Yes: They hate us. It must be said.”
These words
are from the now infamous “Why Do They Hate Us?” piece by Mona Eltahawy. If
you’re reading this, then you’ve already read her article, and are probably
aware of the Twitterquake that struck earlier today, the after-shocks of which
are still rocking op-ed columns and blogs (like this one) all over.
Having read
the article, I have to say, I wasn’t immediately struck by any bristling anger;
nor did my blood boil. I found a lot of the piece rang true with me, and I
recognized the effects of the “misogynistic hate” Mona describes on my own
life, like the frustration experienced during my youth in Saudi Arabia, where I
wasn’t permitted to drive (FYI, it’s really immoral for a woman to drive. We might
go mental with all the freedom and accidentally commit adultery 28 times in the
first few hours). I didn’t really agree with the core of the article – that men
hate women – and it seems I’m not alone. My main qualm with the piece is that,
in my experience, the men of the Middle East are some of the most loving
towards the gentler sex, a realisation I came to make when moving to Europe and
discovering the objectification of women. Obviously, you can’t live in Saudi
Arabia for a good while without coming across some weirdos, re: my next door
neighbour’s dad beating her and her sister up regularly for absolutely no
reason whatsoever – or the charming security officer who told me to cover my
hair up when I was EIGHT (eight is a really hot age) lest I tempt any of the (married)
men around.
However,
other than these few idiots, who were clearly motivated by something other than
all-permeating hate for the ladies, I’ve never found a man who detests women in
the Middle East. Now, I can admit that I absolutely do not speak for the
experiences of the millions upon millions of Arab women in the world, a good
portion of whom have suffered at the hands of the sexism and chauvinism that
Mona lambasts in her article. This aside, and, keeping in mind I’m no Snape at
Occlumency (ignore if you aren’t a Harry Potter freakaloid), I don’t see the
motives of this men as being grounded in hatred for women. I think they have other
things on their mind – the movement to restore the Islam from the Prophet’s
(pbuh) time to Muslim society, the preservation of the status quo – as has been
clearly demonstrated in the ruling regime’s violent oppression of every single
local Arab Spring movement – whatever, but I don’t think it’s hate.
I’m pretty
sure there’s some fear somewhere hidden in there, a fear that I can’t really
make out; but I’m positive that there are some men, higher up in Arab political
circles, who would like to see women sit the eff down over women’s liberty and
the basic human rights they demand.
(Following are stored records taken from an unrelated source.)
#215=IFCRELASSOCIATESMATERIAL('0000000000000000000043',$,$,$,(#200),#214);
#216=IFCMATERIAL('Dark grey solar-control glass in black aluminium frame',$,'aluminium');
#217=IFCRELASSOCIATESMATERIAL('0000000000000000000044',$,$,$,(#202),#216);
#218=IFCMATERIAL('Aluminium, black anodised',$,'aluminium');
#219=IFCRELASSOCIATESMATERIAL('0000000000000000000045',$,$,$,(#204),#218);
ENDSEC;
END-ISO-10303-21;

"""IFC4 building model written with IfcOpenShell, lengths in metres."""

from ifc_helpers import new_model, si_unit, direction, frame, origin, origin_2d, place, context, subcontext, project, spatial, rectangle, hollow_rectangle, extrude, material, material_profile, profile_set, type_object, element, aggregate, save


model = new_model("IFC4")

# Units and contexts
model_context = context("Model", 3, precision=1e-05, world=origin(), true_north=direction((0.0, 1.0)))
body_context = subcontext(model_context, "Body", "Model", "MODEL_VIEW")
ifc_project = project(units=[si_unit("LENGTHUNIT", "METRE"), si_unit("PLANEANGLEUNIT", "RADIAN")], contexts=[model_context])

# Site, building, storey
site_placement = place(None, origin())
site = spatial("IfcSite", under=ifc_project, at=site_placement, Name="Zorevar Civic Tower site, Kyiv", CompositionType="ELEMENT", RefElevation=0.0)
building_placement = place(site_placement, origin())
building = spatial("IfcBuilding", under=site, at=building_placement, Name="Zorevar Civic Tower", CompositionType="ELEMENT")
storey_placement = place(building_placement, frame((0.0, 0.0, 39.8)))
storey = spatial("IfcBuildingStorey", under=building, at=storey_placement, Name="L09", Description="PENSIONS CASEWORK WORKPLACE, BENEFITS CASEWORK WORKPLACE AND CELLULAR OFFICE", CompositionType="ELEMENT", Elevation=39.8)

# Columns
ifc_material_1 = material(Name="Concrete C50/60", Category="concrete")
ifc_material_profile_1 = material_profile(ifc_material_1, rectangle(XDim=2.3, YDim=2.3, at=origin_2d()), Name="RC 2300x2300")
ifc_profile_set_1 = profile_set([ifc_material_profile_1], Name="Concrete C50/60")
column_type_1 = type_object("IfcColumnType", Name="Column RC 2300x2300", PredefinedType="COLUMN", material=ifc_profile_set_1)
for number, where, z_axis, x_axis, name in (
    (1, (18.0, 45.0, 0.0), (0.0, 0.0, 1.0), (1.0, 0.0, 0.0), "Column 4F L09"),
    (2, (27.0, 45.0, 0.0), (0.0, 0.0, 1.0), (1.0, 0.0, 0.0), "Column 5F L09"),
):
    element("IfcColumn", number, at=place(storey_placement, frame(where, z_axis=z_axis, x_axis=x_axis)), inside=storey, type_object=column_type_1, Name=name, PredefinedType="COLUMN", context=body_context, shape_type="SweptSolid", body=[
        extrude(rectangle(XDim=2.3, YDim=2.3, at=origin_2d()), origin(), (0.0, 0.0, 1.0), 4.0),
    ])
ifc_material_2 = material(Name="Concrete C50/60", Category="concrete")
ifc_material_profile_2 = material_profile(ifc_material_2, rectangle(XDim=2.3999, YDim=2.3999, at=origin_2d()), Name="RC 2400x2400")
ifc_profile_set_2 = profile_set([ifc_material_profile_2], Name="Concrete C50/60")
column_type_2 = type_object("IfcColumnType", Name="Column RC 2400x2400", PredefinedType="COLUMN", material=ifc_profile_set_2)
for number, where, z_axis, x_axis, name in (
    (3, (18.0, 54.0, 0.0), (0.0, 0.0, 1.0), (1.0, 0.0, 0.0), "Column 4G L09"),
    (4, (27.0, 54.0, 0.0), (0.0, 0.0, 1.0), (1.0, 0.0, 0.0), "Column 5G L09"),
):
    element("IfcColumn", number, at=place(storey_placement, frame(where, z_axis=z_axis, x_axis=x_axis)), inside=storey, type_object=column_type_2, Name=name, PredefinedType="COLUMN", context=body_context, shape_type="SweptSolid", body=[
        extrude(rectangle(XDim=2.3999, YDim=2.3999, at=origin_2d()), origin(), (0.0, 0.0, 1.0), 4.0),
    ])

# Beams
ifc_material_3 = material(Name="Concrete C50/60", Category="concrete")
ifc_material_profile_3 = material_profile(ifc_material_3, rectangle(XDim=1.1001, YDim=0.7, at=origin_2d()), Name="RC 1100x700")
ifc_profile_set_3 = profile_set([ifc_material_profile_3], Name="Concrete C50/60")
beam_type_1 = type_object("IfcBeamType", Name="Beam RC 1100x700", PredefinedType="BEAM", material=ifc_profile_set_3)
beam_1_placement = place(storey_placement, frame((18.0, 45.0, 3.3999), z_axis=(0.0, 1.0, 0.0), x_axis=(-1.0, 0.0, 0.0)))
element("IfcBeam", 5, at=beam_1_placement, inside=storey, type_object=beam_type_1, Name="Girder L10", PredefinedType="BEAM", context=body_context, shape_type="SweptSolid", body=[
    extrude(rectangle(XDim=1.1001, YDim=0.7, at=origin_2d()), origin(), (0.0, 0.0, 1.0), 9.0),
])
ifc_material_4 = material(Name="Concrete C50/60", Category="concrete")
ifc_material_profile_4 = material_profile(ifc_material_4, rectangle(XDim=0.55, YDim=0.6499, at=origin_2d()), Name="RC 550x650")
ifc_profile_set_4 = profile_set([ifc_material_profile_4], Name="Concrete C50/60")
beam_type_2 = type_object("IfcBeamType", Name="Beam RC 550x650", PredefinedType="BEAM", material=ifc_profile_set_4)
These men won’t hate women though, they’ll
hate the idea of women disrupting the status quo, the way things always were –
“why can’t you be like my mother?” – that type of thing. The old mentality
still exists in our aging politicians’ brains, no matter how hard they try to
hide it. But these are just a few, albeit extraordinarily powerful men, so it’s
certainly not valid to taint all Arab men with the woman-hating brush. I literally
cannot think of a man – whether he be Syrian, Moroccan, Jordanian or Saudi –
that doesn’t love the family matriarch (mother, grandmother, whatever), his
sisters, and all of his female friends to death. I’ve experienced the feeling
of safety when out with male friends in Egypt, who I am positive would let no
harm come to me (let alone hurt me himself) in contrast to the isolation of
some of my friends in Europe, who are caged in by their unwillingness to show
their emotional attachment to female friends, lest they be called “whipped” or
“gay”.
But
whatever, may I just found the good ones, the Arab men that love women and hate
the rare species of brothers who would lay a finger on a girl or box her in
emotionally. I know my dad is a good one, I know my brother will always look
after me, and I know that I am extremely lucky
to have not been one of the women who’s had to suffer emotional, physical or
sexual abuse at the hands of any male. I don’t think it’s a symptom of being an
Arab man that you automatically want to grope a woman or deny her the right to dress
how she likes – after all, aren’t instances of sexual assault massively high in
the Western world, and aren’t women more condemned for what we wear here than
in the Middle East?
I know that
everyone’s experiences are vastly different, that every woman will have her own
opinion on this, but I think it’s especially needed today, of all days, for a
woman who’s been blessed with the caring love and protection of our Arab men,
to stand up for them and say that I don’t
think you hate us!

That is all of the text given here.